Toutes les marques cherchent à humaniser le web. Et sur ce volet, les influenceurs virtuels pourraient jouer un rôle clé. Décryptage par Guillaume Rio de L’Echangeur BNP Paribas Personal Finance.

Les avatars virtuels représentent une nouvelle génération d’influenceurs, notamment en Corée. - © D.R.
Les avatars virtuels représentent une nouvelle génération d’influenceurs, notamment en Corée. - © D.R.

A l’heure où notre quotidien se digitalise à grande vitesse, que nous passons nos journées sur Instagram, Tik ToK Sandbox ou Fortnite, le virtuel, lui, part à la conquête du monde réel…

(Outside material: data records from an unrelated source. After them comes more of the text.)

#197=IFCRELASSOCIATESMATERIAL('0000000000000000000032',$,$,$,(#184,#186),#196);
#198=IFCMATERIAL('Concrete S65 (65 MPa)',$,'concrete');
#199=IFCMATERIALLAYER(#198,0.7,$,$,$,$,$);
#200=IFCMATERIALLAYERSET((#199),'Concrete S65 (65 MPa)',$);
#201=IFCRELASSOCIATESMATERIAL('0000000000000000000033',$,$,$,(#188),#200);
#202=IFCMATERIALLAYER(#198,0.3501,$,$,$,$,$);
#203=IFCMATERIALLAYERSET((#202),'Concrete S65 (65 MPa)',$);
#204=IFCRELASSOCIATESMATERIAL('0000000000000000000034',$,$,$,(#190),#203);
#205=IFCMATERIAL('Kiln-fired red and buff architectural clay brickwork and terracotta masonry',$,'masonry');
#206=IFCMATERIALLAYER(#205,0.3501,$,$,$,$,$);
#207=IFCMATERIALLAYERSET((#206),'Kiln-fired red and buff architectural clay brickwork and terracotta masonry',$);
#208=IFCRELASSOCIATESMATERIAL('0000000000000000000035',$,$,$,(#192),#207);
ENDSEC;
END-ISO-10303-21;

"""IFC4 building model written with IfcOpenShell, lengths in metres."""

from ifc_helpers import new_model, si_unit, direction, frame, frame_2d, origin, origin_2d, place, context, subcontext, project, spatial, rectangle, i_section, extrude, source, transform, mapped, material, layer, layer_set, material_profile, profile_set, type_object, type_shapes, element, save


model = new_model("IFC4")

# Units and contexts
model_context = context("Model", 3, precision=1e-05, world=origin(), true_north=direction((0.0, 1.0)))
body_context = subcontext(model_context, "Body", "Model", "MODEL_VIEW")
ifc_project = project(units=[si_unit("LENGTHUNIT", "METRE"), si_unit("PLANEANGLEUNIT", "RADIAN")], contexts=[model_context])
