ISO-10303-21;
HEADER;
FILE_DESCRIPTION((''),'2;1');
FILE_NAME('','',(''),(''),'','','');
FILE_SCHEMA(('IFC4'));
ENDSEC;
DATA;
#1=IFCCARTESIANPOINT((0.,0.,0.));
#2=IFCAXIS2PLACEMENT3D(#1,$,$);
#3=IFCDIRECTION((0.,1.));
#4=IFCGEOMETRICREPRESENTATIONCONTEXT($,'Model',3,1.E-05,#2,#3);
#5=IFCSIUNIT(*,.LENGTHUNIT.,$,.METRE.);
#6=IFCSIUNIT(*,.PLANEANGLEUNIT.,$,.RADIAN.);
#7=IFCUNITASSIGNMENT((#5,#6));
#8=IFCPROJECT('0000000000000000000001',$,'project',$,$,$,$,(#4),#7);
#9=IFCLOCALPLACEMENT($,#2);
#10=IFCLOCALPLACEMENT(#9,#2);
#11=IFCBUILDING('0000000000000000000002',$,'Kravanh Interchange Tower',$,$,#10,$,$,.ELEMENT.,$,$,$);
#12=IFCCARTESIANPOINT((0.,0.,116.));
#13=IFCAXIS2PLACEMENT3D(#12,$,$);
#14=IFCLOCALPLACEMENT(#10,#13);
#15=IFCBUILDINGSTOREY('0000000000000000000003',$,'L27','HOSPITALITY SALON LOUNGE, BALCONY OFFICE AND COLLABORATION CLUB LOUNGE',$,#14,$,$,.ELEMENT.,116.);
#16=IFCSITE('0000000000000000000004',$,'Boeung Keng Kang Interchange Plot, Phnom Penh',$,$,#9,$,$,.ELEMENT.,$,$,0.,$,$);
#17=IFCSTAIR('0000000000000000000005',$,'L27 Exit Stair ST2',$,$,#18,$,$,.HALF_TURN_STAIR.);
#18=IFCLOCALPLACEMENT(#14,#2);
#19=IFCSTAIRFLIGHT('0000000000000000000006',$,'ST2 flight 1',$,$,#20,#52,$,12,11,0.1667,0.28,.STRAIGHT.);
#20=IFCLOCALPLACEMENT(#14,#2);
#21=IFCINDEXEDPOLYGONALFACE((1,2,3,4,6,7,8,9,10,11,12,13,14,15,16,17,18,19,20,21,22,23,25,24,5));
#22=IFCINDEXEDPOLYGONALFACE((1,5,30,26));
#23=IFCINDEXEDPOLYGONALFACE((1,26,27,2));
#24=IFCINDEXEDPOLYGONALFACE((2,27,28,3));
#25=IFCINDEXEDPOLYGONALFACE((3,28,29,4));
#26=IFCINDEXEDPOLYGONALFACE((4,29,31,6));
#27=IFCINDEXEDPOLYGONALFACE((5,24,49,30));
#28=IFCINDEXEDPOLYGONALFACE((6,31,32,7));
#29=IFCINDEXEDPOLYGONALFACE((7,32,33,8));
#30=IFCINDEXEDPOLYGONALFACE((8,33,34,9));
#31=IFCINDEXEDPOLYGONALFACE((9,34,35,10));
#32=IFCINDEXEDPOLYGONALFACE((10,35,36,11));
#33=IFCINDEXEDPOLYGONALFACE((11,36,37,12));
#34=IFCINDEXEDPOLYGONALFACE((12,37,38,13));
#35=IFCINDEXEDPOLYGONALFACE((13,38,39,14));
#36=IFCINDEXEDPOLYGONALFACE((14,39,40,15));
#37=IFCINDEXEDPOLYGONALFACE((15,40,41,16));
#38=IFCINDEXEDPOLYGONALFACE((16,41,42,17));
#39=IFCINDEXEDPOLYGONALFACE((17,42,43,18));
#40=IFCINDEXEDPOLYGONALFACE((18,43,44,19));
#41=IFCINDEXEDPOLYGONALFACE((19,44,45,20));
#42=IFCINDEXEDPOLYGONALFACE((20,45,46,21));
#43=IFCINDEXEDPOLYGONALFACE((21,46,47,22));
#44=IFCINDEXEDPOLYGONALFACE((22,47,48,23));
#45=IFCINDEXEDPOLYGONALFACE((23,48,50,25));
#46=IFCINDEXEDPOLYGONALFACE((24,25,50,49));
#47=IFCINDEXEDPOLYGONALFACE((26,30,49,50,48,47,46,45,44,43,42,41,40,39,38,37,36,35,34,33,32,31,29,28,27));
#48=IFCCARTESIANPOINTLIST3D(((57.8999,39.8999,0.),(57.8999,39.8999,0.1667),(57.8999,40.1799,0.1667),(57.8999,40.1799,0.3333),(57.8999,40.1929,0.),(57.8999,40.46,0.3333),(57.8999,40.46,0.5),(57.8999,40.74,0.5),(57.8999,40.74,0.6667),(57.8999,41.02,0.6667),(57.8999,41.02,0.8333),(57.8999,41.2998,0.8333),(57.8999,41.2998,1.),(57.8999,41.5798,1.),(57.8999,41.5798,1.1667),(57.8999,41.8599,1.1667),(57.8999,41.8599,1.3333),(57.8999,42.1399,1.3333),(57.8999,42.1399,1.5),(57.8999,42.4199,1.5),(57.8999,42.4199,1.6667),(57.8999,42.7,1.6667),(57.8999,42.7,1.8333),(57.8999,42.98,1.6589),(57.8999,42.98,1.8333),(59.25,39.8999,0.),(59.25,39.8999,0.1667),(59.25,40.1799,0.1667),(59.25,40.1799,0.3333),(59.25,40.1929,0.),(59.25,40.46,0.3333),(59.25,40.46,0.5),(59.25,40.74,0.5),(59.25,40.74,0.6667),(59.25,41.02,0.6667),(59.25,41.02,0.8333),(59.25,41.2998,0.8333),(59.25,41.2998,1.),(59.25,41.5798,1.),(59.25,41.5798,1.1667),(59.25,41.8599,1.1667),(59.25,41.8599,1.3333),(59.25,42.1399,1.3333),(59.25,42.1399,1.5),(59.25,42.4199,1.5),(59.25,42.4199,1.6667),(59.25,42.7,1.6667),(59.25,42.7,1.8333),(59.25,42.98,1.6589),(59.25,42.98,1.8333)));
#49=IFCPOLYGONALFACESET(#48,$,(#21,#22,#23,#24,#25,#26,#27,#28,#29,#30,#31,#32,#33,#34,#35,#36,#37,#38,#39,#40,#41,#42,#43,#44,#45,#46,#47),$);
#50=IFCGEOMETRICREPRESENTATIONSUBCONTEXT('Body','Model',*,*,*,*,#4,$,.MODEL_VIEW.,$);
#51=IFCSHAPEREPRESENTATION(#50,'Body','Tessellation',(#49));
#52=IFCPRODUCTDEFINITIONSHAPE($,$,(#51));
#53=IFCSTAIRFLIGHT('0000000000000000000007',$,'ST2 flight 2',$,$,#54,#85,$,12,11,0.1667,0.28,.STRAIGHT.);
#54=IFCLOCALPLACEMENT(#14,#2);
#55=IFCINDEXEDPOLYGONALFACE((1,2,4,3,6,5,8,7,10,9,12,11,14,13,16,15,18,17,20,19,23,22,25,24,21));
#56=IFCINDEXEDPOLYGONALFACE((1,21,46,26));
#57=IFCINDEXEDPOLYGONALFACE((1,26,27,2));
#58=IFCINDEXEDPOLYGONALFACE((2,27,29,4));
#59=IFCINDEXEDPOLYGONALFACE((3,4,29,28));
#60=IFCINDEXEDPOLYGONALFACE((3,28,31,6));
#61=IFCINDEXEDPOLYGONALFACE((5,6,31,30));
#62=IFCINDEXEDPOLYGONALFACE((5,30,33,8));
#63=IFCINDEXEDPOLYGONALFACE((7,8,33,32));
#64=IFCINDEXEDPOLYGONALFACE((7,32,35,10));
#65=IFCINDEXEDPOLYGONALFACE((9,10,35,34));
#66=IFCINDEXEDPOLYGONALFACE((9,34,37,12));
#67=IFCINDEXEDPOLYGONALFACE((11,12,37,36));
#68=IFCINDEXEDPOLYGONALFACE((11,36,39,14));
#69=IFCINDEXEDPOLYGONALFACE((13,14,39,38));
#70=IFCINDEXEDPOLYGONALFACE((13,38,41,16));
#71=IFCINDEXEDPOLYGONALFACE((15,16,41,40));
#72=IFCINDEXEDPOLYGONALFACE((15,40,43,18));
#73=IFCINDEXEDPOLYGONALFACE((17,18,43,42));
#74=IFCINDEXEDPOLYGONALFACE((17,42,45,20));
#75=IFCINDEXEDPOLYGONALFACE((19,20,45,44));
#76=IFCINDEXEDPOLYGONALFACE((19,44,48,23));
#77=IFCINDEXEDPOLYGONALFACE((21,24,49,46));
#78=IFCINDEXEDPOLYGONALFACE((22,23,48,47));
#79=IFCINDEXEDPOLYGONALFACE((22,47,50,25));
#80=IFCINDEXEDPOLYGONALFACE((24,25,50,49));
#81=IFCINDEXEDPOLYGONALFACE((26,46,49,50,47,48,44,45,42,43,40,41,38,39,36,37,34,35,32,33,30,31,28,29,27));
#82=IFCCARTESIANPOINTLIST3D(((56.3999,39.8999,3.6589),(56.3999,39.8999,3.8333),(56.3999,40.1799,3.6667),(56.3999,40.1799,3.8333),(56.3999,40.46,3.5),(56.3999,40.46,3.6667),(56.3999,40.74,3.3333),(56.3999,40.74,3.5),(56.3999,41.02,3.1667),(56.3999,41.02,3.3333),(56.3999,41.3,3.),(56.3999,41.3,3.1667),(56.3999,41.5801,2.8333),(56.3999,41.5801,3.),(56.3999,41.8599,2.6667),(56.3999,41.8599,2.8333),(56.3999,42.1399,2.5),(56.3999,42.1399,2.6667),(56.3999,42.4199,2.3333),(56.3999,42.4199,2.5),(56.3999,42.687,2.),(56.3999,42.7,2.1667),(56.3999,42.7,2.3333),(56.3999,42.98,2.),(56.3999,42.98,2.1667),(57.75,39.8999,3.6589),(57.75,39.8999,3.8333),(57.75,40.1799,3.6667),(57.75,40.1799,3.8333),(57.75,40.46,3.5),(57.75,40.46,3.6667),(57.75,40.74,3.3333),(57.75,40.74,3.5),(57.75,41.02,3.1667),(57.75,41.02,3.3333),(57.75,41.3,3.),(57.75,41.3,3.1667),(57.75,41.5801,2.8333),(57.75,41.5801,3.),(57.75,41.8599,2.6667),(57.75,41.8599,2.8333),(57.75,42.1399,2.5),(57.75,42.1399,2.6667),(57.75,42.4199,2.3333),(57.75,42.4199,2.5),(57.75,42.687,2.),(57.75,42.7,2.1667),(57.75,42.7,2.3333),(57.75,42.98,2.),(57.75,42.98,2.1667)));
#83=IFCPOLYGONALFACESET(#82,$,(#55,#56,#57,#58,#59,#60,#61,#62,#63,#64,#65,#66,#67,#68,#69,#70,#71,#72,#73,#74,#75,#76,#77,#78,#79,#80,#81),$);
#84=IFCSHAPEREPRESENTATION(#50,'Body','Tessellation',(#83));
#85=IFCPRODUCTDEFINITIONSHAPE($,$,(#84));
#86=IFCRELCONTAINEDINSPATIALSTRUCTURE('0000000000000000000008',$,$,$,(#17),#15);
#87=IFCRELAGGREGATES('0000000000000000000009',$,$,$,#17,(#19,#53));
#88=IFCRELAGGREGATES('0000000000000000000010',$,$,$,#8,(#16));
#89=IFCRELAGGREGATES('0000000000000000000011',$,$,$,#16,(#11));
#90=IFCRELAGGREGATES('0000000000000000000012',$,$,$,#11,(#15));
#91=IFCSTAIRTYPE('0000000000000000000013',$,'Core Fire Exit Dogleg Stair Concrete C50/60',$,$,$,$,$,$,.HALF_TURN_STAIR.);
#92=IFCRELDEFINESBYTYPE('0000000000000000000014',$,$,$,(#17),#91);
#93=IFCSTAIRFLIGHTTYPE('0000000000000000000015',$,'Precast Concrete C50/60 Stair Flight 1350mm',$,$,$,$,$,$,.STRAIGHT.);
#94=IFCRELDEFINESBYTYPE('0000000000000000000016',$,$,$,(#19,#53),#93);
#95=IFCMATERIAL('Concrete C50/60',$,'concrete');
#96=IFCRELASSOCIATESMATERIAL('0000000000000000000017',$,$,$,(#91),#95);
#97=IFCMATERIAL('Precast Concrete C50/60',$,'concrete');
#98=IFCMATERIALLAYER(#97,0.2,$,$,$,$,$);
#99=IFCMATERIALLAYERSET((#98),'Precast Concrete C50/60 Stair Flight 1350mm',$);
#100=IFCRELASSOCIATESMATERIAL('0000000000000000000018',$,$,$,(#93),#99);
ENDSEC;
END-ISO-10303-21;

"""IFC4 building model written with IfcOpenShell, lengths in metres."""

from ifc_helpers import new_model, si_unit, direction, frame, origin, place, context, subcontext, project, spatial, polyline, outline, extrude, material, layer, layer_set, type_object, element, aggregate, save


model = new_model("IFC4")

# Units and contexts
model_context = context("Model", 3, precision=1e-05, world=origin(), true_north=direction((0.0, 1.0)))
body_context = subcontext(model_context, "Body", "Model", "MODEL_VIEW")
ifc_project = project(units=[si_unit("LENGTHUNIT", "METRE"), si_unit("PLANEANGLEUNIT", "RADIAN")], contexts=[model_context])

# Site, building, storey
site_placement = place(None, origin())
site = spatial("IfcSite", under=ifc_project, at=site_placement, Name="Boeung Keng Kang Interchange Plot, Phnom Penh", CompositionType="ELEMENT", RefElevation=0.0)
building_placement = place(site_placement, origin())
building = spatial("IfcBuilding", under=site, at=building_placement, Name="Kravanh Interchange Tower", CompositionType="ELEMENT")
storey_placement = place(building_placement, frame((0.0, 0.0, 116.0)))
storey = spatial("IfcBuildingStorey", under=building, at=storey_placement, Name="L27", Description="HOSPITALITY SALON LOUNGE, BALCONY OFFICE AND COLLABORATION CLUB LOUNGE", CompositionType="ELEMENT", Elevation=116.0)

# Stair, stair flights
ifc_material_1 = material(Name="Concrete C50/60", Category="concrete")
stair_type = type_object("IfcStairType", Name="Core Fire Exit Dogleg Stair Concrete C50/60", PredefinedType="HALF_TURN_STAIR", material=ifc_material_1)
ifc_material_2 = material(Name="Precast Concrete C50/60", Category="concrete")
ifc_layer_1 = layer(ifc_material_2, 0.2)
ifc_layer_set_1 = layer_set([ifc_layer_1], Name="Precast Concrete C50/60 Stair Flight 1350mm")
stair_flight_type = type_object("IfcStairFlightType", Name="Precast Concrete C50/60 Stair Flight 1350mm", PredefinedType="STRAIGHT", material=ifc_layer_set_1)
stair_1_placement = place(storey_placement, origin())
stair_1 = element("IfcStair", 1, at=stair_1_placement, inside=storey, type_object=stair_type, Name="L27 Exit Stair ST2", PredefinedType="HALF_TURN_STAIR")
stair_flight_1_placement = place(storey_placement, frame((58.575, 39.8999, 0.0), z_axis=(0.0, 0.0, 1.0), x_axis=(0.0, 1.0, 0.0)))
stair_flight_1 = element("IfcStairFlight", 2, at=stair_flight_1_placement, type_object=stair_flight_type, Name="ST2 flight 1", NumberOfRisers=12, NumberOfTreads=11, PredefinedType="STRAIGHT", RiserHeight=0.1667, TreadLength=0.28, context=body_context, shape_type="SweptSolid", body=[
    extrude(outline(polyline([(0.0, 0.0), (0.0, 0.1667), (0.28, 0.1667), (0.28, 0.3333), (0.5601, 0.3333), (0.5601, 0.5), (0.8401, 0.5), (0.8401, 0.6667), (1.1201, 0.6667), (1.1201, 0.8333), (1.3999, 0.8333), (1.3999, 1.0), (1.6799, 1.0), (1.6799, 1.1667), (1.96, 1.1667), (1.96, 1.3333), (2.24, 1.3333), (2.24, 1.5), (2.52, 1.5), (2.52, 1.6667), (2.8, 1.6667), (2.8, 1.8333), (3.0801, 1.8333), (3.0801, 2.0), (3.0801, 1.6589), (0.293, 0.0), (0.0, 0.0)])), frame((0.0, 0.675, 0.0), z_axis=(0.0, -1.0, 0.0), x_axis=(1.0, 0.0, 0.0)), (0.0, 0.0, 1.0), 1.3501),
])
stair_flight_2_placement = place(storey_placement, frame((57.075, 42.98, 2.0), z_axis=(0.0, 0.0, 1.0), x_axis=(0.0, -1.0, 0.0)))
stair_flight_2 = element("IfcStairFlight", 3, at=stair_flight_2_placement, type_object=stair_flight_type, Name="ST2 flight 2", NumberOfRisers=12, NumberOfTreads=11, PredefinedType="STRAIGHT", RiserHeight=0.1667, TreadLength=0.28, context=body_context, shape_type="SweptSolid", body=[
    extrude(outline(polyline([(0.0, 0.0), (0.0, 0.1667), (0.28, 0.1667), (0.28, 0.3333), (0.5601, 0.3333), (0.5601, 0.5), (0.8401, 0.5), (0.8401, 0.6667), (1.1201, 0.6667), (1.1201, 0.8333), (1.3999, 0.8333), (1.3999, 1.0), (1.6799, 1.0), (1.6799, 1.1667), (1.96, 1.1667), (1.96, 1.3333), (2.24, 1.3333), (2.24, 1.5), (2.52, 1.5), (2.52, 1.6667), (2.8, 1.6667), (2.8, 1.8333), (3.0801, 1.8333), (3.0801, 2.0), (3.0801, 1.6589), (0.293, 0.0), (0.0, 0.0)])), frame((0.0, 0.675, 0.0), z_axis=(0.0, -1.0, 0.0), x_axis=(1.0, 0.0, 0.0)), (0.0, 0.0, 1.0), 1.3501),
])
aggregate(stair_1, [stair_flight_1, stair_flight_2])

save(model, "model.ifc")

Candy est l'égérie virtuelle de Prada. - © Prada
Candy est l'égérie virtuelle de Prada. - © Prada

Pour preuve, l’expansion des influenceurs virtuels, qui sont des avatars créés grâce à l’intelligence artificielle et la 3D numérique. Ils sont en passe de devenir des interlocuteurs ‘naturels’ pour la vente de biens et de services dans le monde physique. La ressemblance entre ces personnages virtuels et les humains est tellement saisissante qu’il est difficile de les différencier. D’ailleurs, sur Instagram ou Tik ToK, leur compte ressemble à celui des influenceurs ‘humains’, où selfies, stories, vie du quotidien, voyages sont partagés en maîtrisant parfaitement les codes de l’influence. De nos jours, de plus en plus de marques (en premier lieu le monde de la mode) préfèrent s’appuyer sur ces personnages virtuels. Prada a même récemment créé sa propre égérie digitale : Candy.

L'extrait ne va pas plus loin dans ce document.